С самого начала болезни, с того времени, как Иван Ильич в первый раз поехал к доктору, его жизнь разделилась на два противоположные настроения, сменившие одно другое: то было отчаяние и ожидание непонятной и ужасной смерти, то была надежда и исполненное интереса наблюдение за деятельностью своего тела. То перед глазами была одна почка или кишка, которая на время отклонилась от исполнения своих обязанностей, то была одна непонятная ужасная смерть, от которой ничем нельзя избавиться.
Эти два настроения с самого начала болезни сменяли друг друга; но чем дальше шла болезнь, тем сомнительнее и фантастичнее становились соображения о почке и тем реальнее сознание наступающей смерти.
Стоило ему вспомнить о том, чем он был три месяца тому назад, и то, что он теперь; вспомнить, как равномерно он шел под гору, — чтобы разрушилась всякая возможность надежды.

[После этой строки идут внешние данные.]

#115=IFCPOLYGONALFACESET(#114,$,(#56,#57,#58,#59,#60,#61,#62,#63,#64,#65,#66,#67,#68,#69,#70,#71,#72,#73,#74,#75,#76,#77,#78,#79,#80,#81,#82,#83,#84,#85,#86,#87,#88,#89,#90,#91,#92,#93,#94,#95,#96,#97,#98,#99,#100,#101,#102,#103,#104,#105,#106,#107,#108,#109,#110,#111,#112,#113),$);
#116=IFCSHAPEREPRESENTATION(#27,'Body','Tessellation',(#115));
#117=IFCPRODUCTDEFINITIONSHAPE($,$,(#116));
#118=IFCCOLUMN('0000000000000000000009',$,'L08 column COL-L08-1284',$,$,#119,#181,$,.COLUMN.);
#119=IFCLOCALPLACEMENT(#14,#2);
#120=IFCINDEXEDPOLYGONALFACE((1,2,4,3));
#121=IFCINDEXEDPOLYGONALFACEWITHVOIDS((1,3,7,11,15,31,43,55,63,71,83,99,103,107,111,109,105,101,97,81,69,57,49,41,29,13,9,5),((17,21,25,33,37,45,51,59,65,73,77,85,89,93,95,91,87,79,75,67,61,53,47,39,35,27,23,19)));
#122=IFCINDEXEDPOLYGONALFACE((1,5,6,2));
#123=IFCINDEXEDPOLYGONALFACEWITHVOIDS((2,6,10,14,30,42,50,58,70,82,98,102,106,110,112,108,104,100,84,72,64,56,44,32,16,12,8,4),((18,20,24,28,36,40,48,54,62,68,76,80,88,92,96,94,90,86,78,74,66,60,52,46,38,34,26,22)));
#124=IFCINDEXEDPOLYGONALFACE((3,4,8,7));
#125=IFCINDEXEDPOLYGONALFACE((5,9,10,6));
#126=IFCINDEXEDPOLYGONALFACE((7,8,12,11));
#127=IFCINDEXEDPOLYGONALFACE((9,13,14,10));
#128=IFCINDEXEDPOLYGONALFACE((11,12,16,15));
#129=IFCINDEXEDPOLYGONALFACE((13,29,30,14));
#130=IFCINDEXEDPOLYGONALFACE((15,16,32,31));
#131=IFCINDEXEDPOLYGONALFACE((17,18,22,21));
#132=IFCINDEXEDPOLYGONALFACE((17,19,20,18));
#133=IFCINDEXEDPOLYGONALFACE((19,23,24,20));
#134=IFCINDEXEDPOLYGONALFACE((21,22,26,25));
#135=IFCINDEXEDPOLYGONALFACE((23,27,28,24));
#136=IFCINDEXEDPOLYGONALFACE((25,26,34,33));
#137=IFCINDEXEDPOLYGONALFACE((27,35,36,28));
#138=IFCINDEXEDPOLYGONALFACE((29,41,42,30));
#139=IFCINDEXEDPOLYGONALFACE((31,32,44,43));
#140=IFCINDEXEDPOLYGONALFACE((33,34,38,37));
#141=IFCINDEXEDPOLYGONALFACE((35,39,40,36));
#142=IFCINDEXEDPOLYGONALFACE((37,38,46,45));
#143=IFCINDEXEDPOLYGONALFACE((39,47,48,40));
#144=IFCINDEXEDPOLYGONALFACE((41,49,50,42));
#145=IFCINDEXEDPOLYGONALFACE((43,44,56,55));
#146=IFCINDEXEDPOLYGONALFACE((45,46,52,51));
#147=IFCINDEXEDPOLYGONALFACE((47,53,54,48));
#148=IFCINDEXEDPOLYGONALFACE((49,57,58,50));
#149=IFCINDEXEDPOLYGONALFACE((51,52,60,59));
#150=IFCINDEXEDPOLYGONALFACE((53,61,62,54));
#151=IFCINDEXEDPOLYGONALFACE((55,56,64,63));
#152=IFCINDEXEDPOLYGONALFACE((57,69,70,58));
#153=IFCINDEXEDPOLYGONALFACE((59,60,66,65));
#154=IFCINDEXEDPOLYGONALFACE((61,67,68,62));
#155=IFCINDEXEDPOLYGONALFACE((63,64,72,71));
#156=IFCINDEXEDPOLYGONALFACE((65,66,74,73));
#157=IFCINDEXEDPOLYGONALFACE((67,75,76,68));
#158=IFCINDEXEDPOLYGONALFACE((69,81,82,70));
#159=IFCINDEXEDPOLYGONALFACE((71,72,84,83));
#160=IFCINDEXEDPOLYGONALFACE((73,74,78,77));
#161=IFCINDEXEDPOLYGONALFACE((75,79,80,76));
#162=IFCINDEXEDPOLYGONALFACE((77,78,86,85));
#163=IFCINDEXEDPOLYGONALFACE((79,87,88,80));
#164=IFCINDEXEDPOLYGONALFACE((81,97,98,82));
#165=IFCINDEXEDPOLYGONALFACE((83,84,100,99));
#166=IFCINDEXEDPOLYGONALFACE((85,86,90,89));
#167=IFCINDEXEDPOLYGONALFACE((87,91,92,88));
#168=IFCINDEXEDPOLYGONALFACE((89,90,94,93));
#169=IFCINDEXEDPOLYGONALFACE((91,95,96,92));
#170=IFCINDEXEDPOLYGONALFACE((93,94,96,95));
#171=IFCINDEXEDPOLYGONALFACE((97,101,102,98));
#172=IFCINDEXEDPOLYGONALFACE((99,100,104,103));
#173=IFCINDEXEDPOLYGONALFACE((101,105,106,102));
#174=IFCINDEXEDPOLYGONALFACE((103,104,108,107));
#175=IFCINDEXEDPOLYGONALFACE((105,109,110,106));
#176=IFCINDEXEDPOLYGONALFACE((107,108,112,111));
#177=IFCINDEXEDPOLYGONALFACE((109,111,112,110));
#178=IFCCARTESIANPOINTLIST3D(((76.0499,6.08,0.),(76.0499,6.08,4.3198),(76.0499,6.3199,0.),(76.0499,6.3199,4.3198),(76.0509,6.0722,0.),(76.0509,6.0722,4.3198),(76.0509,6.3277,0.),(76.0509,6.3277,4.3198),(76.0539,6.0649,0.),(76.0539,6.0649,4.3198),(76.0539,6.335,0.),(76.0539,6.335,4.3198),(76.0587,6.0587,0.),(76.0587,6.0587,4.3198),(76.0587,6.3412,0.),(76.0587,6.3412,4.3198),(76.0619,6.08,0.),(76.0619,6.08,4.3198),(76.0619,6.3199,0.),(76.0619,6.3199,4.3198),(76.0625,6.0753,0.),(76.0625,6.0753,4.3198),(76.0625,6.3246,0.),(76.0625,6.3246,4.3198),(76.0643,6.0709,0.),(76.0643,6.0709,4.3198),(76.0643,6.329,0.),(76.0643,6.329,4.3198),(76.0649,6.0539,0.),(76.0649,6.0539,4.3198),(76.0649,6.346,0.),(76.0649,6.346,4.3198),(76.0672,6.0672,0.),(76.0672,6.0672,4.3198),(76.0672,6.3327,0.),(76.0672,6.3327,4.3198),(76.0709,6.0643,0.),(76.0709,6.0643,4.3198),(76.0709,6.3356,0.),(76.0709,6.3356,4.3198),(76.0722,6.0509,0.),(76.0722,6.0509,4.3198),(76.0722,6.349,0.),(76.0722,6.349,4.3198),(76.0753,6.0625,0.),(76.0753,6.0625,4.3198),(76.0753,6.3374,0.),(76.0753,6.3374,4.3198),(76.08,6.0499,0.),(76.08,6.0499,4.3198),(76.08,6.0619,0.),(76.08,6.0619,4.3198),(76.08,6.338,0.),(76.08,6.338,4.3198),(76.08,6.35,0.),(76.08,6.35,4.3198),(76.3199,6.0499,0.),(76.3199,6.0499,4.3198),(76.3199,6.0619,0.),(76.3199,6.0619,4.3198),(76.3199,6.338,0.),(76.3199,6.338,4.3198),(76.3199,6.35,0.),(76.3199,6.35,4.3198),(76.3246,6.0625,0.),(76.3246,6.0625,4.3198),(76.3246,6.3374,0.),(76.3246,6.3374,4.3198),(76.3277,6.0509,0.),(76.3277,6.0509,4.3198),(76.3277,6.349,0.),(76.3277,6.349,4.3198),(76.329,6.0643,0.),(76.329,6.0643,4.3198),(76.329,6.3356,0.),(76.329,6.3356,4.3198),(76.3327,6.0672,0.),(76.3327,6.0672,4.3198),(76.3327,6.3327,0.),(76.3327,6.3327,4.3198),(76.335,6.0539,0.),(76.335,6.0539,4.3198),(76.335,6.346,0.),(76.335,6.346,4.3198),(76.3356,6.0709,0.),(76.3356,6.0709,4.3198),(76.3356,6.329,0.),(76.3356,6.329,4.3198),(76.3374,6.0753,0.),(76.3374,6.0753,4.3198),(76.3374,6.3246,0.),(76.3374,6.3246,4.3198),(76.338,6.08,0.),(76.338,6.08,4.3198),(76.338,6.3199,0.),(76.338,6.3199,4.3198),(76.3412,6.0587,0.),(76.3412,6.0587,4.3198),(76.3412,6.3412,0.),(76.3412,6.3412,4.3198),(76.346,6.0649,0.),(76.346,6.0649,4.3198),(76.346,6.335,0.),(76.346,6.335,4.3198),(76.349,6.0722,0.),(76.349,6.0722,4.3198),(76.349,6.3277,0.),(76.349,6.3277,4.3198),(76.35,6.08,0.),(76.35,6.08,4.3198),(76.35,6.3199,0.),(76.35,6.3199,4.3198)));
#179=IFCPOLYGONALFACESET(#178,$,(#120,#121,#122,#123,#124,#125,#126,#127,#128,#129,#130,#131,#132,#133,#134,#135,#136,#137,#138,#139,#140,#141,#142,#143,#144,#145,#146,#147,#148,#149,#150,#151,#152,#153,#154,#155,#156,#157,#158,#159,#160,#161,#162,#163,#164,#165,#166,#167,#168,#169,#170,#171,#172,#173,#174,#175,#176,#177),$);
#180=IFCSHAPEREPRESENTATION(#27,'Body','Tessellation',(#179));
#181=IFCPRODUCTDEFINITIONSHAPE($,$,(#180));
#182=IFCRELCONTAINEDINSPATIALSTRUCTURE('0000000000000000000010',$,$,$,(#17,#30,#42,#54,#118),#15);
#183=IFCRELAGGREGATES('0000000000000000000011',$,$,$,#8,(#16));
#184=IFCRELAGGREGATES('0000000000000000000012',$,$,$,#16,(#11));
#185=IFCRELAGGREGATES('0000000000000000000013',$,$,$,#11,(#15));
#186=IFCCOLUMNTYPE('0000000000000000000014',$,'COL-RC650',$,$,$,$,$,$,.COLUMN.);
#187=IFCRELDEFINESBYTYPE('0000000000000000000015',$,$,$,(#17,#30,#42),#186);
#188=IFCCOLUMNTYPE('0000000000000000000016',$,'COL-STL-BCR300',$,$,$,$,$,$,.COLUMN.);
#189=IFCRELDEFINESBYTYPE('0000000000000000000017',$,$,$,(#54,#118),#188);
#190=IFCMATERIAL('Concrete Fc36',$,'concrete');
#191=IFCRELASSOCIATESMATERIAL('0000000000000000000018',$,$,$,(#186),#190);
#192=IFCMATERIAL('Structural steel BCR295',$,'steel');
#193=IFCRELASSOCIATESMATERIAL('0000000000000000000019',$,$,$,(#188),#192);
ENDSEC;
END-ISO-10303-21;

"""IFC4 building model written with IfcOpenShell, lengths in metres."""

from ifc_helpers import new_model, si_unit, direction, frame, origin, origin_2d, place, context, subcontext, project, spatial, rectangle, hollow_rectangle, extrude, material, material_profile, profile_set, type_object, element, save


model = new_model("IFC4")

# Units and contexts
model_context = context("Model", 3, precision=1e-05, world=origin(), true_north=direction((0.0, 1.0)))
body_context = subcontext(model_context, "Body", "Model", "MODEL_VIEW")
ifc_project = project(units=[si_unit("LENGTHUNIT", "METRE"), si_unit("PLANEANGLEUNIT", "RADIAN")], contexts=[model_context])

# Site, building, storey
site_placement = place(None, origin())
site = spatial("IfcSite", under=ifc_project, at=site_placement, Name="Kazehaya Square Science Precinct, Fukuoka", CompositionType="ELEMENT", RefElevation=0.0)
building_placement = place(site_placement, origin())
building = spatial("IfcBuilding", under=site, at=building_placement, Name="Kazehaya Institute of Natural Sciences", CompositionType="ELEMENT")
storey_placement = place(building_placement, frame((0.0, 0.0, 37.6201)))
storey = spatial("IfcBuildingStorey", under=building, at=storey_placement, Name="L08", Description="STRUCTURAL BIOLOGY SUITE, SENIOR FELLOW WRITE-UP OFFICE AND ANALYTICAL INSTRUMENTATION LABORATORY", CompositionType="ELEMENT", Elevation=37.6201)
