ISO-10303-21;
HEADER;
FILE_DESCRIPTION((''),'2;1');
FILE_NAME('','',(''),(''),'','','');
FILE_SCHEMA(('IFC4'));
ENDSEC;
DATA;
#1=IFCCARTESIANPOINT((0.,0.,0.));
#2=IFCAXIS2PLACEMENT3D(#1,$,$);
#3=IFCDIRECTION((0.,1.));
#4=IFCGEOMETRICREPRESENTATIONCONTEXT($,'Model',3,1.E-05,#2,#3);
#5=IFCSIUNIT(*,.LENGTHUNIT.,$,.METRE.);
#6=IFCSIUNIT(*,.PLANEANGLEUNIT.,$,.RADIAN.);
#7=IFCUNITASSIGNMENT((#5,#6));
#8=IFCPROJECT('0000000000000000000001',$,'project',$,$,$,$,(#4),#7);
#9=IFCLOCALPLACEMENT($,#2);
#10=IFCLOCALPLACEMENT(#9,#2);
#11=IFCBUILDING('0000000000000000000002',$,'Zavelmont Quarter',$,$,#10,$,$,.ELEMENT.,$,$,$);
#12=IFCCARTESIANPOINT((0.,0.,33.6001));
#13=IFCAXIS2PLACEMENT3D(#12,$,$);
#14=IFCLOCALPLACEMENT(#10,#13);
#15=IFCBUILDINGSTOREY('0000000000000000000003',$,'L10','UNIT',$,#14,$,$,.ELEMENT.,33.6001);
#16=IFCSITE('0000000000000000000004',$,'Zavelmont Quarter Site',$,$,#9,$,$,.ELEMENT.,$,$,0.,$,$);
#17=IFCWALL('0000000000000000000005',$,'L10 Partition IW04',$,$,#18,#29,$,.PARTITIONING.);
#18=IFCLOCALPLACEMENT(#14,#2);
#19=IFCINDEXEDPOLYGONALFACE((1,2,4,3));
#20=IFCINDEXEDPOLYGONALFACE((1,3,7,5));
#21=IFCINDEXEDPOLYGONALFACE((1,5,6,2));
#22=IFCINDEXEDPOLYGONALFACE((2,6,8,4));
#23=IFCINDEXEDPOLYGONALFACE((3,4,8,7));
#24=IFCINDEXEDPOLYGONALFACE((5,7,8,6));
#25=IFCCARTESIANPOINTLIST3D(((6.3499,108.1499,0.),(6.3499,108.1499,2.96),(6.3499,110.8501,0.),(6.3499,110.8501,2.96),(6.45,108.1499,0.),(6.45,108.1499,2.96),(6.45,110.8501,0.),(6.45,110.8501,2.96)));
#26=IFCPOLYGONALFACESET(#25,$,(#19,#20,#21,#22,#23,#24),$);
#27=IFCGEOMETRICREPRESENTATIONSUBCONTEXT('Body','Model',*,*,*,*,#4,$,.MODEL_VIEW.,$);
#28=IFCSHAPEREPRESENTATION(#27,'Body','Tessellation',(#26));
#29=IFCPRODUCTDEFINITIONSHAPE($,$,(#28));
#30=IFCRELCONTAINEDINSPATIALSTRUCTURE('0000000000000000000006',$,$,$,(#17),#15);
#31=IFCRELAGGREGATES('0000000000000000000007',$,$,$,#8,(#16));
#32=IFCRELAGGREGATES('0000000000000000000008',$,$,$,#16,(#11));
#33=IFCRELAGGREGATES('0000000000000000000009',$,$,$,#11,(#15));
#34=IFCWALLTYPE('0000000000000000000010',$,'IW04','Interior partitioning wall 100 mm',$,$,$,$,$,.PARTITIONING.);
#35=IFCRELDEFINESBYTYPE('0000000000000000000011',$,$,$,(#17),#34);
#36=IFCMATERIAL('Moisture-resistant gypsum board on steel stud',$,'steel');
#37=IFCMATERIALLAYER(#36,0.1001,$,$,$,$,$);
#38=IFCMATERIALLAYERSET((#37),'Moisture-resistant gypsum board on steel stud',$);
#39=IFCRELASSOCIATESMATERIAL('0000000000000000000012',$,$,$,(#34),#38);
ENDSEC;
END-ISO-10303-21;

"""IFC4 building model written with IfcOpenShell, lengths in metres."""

from ifc_helpers import new_model, si_unit, direction, frame, frame_2d, origin, place, context, subcontext, project, spatial, rectangle, extrude, material, layer, layer_set, type_object, element, save


model = new_model("IFC4")

# Units and contexts
model_context = context("Model", 3, precision=1e-05, world=origin(), true_north=direction((0.0, 1.0)))
body_context = subcontext(model_context, "Body", "Model", "MODEL_VIEW")
ifc_project = project(units=[si_unit("LENGTHUNIT", "METRE"), si_unit("PLANEANGLEUNIT", "RADIAN")], contexts=[model_context])

# Site, building, storey
site_placement = place(None, origin())
site = spatial("IfcSite", under=ifc_project, at=site_placement, Name="Zavelmont Quarter Site", CompositionType="ELEMENT", RefElevation=0.0)
building_placement = place(site_placement, origin())
building = spatial("IfcBuilding", under=site, at=building_placement, Name="Zavelmont Quarter", CompositionType="ELEMENT")
storey_placement = place(building_placement, frame((0.0, 0.0, 33.6001)))
storey = spatial("IfcBuildingStorey", under=building, at=storey_placement, Name="L10", Description="UNIT", CompositionType="ELEMENT", Elevation=33.6001)

# Wall
ifc_material_1 = material(Name="Moisture-resistant gypsum board on steel stud", Category="steel")
ifc_layer_1 = layer(ifc_material_1, 0.1001)
ifc_layer_set_1 = layer_set([ifc_layer_1], Name="Moisture-resistant gypsum board on steel stud")
wall_type_1 = type_object("IfcWallType", Name="IW04", Description="Interior partitioning wall 100 mm", PredefinedType="PARTITIONING", material=ifc_layer_set_1)
wall_1_placement = place(storey_placement, frame((6.3999, 108.1499, 0.0), z_axis=(0.0, 0.0, 1.0), x_axis=(0.0, 1.0, 0.0)))
element("IfcWall", 1, at=wall_1_placement, inside=storey, type_object=wall_type_1, Name="L10 Partition IW04", PredefinedType="PARTITIONING", context=body_context, shape_type="SweptSolid", body=[
    extrude(rectangle(XDim=2.7002, YDim=0.1001, at=frame_2d((1.3501, 0.0))), origin(), (0.0, 0.0, 1.0), 2.96),
])

save(model, "model.ifc")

В последнее время того одиночества, в котором он находился, лежа лицом к спинке дивана, того одиночества среди многолюдного города и своих многочисленных знакомых и семьи, — одиночества, полнее которого не могло быть нигде: ни на дне моря, ни в земле, — последнее время этого страшного одиночества Иван Ильич жил только воображением в прошедшем. Одна за другой ему представлялись картины его прошедшего. Начиналось всегда с ближайшего по времени и сводилось к самому отдаленному, к детству, и на нем останавливалось. Вспоминал ли Иван Ильич о вареном черносливе, который ему предлагали есть нынче, он вспоминал о сыром сморщенном французском черносливе в детстве, об особенном вкусе его и обилии слюны, когда дело доходило до косточки, и рядом с этим воспоминанием вкуса возникал целый ряд воспоминаний того времени: няня, брат, игрушки. «Не надо об этом… слишком больно», — говорил себе Иван Ильич и опять переносился в настоящее. Пуговица на спинке дивана и морщины сафьяна. «Сафьян дорог, непрочен; ссора была из-за него. Но сафьян другой был, и другая ссора, когда мы разорвали портфель у отца и нас наказали, а мама принесла пирожки». И опять останавливалось на детстве, и опять Ивану Ильичу было больно, и он старался отогнать и думать о другом.